A strong teaching score can hide three very different student judgments. When universities ask students to rate teaching quality, they often assume everyone is judging the same thing. Adrian Lundberg and Martin Stigmar's Studies in Higher Education paper, "Rethinking teacher quality in Swedish higher education: insights from social sciences student perspectives and Q methodology", shows that they are not. Drawing on post-pandemic perspectives from Swedish social sciences students, the paper identifies three coherent ways students recognise a high-quality university teacher. For institutions using student voice in module evaluations, teaching reviews, and enhancement planning, that matters because one headline score can collapse very different expectations into a single signal.

Context and research question

Teacher quality is a familiar phrase in higher education, but it often hides a methodological problem. Much of the literature and many institutional frameworks define quality from the perspectives of academics, managers, or policy systems, a tension that also appears in research on students and educators prioritising different things in digital assessment quality. Students are usually asked to rate the result, not to explain what they think a high-quality teacher actually is.

This paper addresses that gap in a way that is unusually useful for UK higher education teams. Lundberg and Stigmar used Q methodology with 41 social sciences students from different Swedish universities. Participants sorted 43 statements about teacher quality drawn from earlier research, then explained the thinking behind their choices. The aim was not to produce one average definition, but to identify shared patterns in how students weigh different aspects of good teaching. That makes the paper especially relevant for universities that rely on teaching evaluation surveys, awards, or quality processes that still treat "teaching quality" as a single construct. The practical takeaway is clear: if your survey treats teaching quality as one broad idea, you may not know what students are actually rewarding.

Key findings

The first finding is that students did agree on some fundamentals. Across the three viewpoints, students consistently valued clear communication, coherent course design, and fairness in grading. For UK teams, that shared baseline matters because it gives survey design and reporting a more stable starting point, even when students disagree on the rest.

"Across all three perspectives, students showed strong consensus on the importance of clear communication, coherent course design, and fairness in grading."

The second finding is that one strong student viewpoint prioritised expertise, structure, and transparent assessment above all else.

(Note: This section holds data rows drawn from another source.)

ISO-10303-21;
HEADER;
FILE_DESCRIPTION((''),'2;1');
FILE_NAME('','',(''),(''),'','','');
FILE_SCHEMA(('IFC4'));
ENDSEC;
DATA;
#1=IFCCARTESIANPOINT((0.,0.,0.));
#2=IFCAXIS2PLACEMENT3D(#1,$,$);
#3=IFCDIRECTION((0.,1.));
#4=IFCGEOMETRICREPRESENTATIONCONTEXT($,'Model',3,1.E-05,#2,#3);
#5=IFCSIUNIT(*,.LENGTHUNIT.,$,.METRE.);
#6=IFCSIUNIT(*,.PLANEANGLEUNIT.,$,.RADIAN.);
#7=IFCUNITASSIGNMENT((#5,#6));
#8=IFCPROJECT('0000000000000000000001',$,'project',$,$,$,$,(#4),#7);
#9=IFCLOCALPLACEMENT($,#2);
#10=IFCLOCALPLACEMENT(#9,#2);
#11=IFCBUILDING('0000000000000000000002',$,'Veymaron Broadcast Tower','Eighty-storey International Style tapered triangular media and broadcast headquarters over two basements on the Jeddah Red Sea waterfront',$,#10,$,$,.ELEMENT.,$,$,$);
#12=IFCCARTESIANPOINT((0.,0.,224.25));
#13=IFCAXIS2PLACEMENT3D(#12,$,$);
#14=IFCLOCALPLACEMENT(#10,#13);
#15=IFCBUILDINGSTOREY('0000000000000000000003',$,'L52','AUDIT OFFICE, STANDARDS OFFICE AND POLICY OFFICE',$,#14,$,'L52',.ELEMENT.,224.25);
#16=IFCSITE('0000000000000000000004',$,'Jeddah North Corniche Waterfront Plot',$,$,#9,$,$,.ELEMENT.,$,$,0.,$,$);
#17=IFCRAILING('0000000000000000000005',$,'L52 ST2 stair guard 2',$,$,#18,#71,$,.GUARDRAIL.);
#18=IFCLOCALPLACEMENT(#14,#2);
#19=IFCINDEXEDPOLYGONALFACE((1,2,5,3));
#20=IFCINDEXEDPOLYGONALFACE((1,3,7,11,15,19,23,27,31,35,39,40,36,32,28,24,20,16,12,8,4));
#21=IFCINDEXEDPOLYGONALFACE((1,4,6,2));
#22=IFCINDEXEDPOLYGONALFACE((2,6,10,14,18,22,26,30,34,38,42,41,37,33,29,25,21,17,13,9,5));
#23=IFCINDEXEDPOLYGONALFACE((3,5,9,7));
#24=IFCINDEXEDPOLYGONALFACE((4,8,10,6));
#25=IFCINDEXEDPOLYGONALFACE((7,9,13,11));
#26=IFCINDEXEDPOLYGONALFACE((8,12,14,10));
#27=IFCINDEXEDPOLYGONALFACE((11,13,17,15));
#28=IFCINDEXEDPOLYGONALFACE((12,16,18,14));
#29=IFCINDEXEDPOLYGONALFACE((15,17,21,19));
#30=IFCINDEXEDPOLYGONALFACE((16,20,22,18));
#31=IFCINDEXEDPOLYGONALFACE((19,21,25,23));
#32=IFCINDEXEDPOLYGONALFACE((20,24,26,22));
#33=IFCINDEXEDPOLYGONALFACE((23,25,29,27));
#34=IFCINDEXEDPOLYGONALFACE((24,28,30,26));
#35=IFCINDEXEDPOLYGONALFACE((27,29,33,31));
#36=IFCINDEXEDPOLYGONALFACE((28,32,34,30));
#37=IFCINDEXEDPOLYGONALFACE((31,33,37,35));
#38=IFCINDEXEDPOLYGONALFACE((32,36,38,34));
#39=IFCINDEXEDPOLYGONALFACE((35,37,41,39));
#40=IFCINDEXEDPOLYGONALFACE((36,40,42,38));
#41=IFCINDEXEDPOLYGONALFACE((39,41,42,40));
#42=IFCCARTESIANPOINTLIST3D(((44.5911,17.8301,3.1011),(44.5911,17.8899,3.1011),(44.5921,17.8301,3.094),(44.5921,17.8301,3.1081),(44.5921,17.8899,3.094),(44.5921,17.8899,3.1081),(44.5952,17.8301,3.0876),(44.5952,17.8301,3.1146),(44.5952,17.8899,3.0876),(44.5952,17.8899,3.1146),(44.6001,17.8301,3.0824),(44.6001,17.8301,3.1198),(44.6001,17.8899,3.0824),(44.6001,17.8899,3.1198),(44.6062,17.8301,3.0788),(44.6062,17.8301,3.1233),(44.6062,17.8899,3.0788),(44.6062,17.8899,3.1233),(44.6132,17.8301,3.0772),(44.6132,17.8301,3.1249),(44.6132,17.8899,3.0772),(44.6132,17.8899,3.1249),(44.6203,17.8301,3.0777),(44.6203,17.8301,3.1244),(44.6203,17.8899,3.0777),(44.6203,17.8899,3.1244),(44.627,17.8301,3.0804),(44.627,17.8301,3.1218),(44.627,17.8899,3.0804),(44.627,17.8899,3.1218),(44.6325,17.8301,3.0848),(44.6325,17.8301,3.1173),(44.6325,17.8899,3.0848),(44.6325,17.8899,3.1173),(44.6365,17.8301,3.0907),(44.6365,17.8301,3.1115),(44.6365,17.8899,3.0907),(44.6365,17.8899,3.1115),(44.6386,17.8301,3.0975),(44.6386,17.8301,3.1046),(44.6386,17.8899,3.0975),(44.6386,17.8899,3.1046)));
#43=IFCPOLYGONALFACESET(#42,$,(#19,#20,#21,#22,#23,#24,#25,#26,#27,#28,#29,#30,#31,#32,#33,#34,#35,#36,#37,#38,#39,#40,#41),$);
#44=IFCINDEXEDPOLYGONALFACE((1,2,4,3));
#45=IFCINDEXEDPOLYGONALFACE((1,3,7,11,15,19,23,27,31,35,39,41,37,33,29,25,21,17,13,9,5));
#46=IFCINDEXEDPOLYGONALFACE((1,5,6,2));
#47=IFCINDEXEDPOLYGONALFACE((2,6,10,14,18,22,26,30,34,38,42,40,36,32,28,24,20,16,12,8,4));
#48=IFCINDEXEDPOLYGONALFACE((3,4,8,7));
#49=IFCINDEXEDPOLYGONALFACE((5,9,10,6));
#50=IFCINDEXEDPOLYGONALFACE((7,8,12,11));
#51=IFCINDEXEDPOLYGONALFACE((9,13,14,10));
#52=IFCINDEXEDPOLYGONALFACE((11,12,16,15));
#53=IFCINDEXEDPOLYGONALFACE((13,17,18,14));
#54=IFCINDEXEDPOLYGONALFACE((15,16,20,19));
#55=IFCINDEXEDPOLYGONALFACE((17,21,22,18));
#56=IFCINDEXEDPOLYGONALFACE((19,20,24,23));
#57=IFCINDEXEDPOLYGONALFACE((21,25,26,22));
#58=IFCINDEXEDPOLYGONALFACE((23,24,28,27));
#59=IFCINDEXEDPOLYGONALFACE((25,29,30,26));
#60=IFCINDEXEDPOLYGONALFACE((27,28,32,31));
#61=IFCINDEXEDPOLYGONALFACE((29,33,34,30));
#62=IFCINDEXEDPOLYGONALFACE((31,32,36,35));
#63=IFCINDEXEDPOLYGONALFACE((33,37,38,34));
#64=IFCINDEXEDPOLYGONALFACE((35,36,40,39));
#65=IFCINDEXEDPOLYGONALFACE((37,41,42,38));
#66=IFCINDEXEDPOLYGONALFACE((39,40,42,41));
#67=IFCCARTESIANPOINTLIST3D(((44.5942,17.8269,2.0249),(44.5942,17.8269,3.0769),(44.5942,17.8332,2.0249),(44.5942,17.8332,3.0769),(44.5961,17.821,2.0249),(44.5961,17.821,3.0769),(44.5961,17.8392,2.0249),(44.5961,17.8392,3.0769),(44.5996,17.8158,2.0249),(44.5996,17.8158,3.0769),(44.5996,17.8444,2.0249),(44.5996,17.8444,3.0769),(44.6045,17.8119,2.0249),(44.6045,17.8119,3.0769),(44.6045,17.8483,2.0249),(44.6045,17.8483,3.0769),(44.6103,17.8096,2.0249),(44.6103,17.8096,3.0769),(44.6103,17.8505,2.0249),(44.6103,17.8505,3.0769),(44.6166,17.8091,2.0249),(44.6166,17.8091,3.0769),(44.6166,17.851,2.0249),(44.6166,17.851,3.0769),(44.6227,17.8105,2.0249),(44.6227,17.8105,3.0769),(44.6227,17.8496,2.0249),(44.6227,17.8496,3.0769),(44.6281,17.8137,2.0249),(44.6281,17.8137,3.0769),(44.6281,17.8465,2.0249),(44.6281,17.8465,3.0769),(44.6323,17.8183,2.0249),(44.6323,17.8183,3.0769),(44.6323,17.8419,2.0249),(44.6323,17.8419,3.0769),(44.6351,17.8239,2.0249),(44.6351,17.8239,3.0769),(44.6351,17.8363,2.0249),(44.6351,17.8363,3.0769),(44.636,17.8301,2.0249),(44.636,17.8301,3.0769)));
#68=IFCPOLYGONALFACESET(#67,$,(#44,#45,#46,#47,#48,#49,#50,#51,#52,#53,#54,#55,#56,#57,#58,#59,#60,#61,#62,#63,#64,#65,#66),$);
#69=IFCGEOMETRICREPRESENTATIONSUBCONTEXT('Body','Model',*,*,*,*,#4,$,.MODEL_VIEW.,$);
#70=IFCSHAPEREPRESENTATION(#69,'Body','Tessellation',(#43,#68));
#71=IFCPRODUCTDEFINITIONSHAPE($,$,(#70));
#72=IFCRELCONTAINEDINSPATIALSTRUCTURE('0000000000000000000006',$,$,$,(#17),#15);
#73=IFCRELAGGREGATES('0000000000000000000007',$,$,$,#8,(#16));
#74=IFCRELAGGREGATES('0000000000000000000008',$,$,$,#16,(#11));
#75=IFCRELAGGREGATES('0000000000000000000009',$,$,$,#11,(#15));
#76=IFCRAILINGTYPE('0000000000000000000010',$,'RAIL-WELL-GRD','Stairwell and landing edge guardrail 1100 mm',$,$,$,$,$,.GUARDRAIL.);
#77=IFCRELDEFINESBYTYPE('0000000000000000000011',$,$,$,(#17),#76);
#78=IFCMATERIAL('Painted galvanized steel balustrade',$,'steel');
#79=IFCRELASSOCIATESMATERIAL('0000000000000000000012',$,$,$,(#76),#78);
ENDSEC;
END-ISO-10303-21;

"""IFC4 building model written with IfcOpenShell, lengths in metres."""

from ifc_helpers import new_model, si_unit, direction, frame, origin, origin_2d, place, context, subcontext, project, spatial, circle, extrude, material, type_object, element, save


model = new_model("IFC4")

# Units and contexts
model_context = context("Model", 3, precision=1e-05, world=origin(), true_north=direction((0.0, 1.0)))
body_context = subcontext(model_context, "Body", "Model", "MODEL_VIEW")
ifc_project = project(units=[si_unit("LENGTHUNIT", "METRE"), si_unit("PLANEANGLEUNIT", "RADIAN")], contexts=[model_context])

# Site, building, storey
site_placement = place(None, origin())
site = spatial("IfcSite", under=ifc_project, at=site_placement, Name="Jeddah North Corniche Waterfront Plot", CompositionType="ELEMENT", RefElevation=0.0)
building_placement = place(site_placement, origin())
building = spatial("IfcBuilding", under=site, at=building_placement, Name="Veymaron Broadcast Tower", Description="Eighty-storey International Style tapered triangular media and broadcast headquarters over two basements on the Jeddah Red Sea waterfront", CompositionType="ELEMENT")
storey_placement = place(building_placement, frame((0.0, 0.0, 224.25)))
storey = spatial("IfcBuildingStorey", under=building, at=storey_placement, Name="L52", Description="AUDIT OFFICE, STANDARDS OFFICE AND POLICY OFFICE", LongName="L52", CompositionType="ELEMENT", Elevation=224.25)

# Railing
ifc_material_1 = material(Name="Painted galvanized steel balustrade", Category="steel")
railing_type_1 = type_object("IfcRailingType", Name="RAIL-WELL-GRD", Description="Stairwell and landing edge guardrail 1100 mm", PredefinedType="GUARDRAIL", material=ifc_material_1)
railing_1_placement = place(storey_placement, frame((44.615, 17.8301, 2.0249)))
element("IfcRailing", 1, at=railing_1_placement, inside=storey, type_object=railing_type_1, Name="L52 ST2 stair guard 2", PredefinedType="GUARDRAIL", context=body_context, shape_type="SweptSolid", body=[
    extrude(circle(Radius=0.0239, at=origin_2d()), frame((0.0, 0.0, 1.0762), z_axis=(0.0, 1.0, 0.0), x_axis=(-1.0, 0.0, 0.0)), (0.0, 0.0, 1.0), 0.0598),
    extrude(circle(Radius=0.021, at=origin_2d()), origin(), (0.0, 0.0, 1.0), 1.052),
])

save(model, "model.ifc")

The paper presents this group as the "academic purist". These students saw high-quality teachers as disciplinary experts who know their subject, organise learning coherently, and make expectations explicit. They were much less interested in flexibility, emotional support, or broad student influence over the learning process. For universities, that matters because some positive evaluations may be driven mainly by confidence in structure and standards, not by rapport or innovation, which helps explain patterns in what students are saying about teaching staff in social sciences.

A different student viewpoint centred inclusion, trust, and psychological safety. The "inclusive collaborator" valued teachers who foster respectful discussion, prevent exclusion, and make the classroom feel fair and safe. In this account, good teaching is inseparable from relational ethics. That has direct implications for evaluation design, because a broad "teaching quality" item can hide whether students are responding to subject expertise, inclusive practice, or both.

A third viewpoint emphasised inspiration, intellectual challenge, and emotional engagement. The "inspired thinker" wanted teaching to feel alive, stimulating, and meaningful. These students valued curiosity, humour, critical thinking, and the sense that university learning should go beyond passing the next assessment. In practice, this means some students may rate a teacher highly because the teaching stretches and energises them, even when that same course feels demanding or less personal.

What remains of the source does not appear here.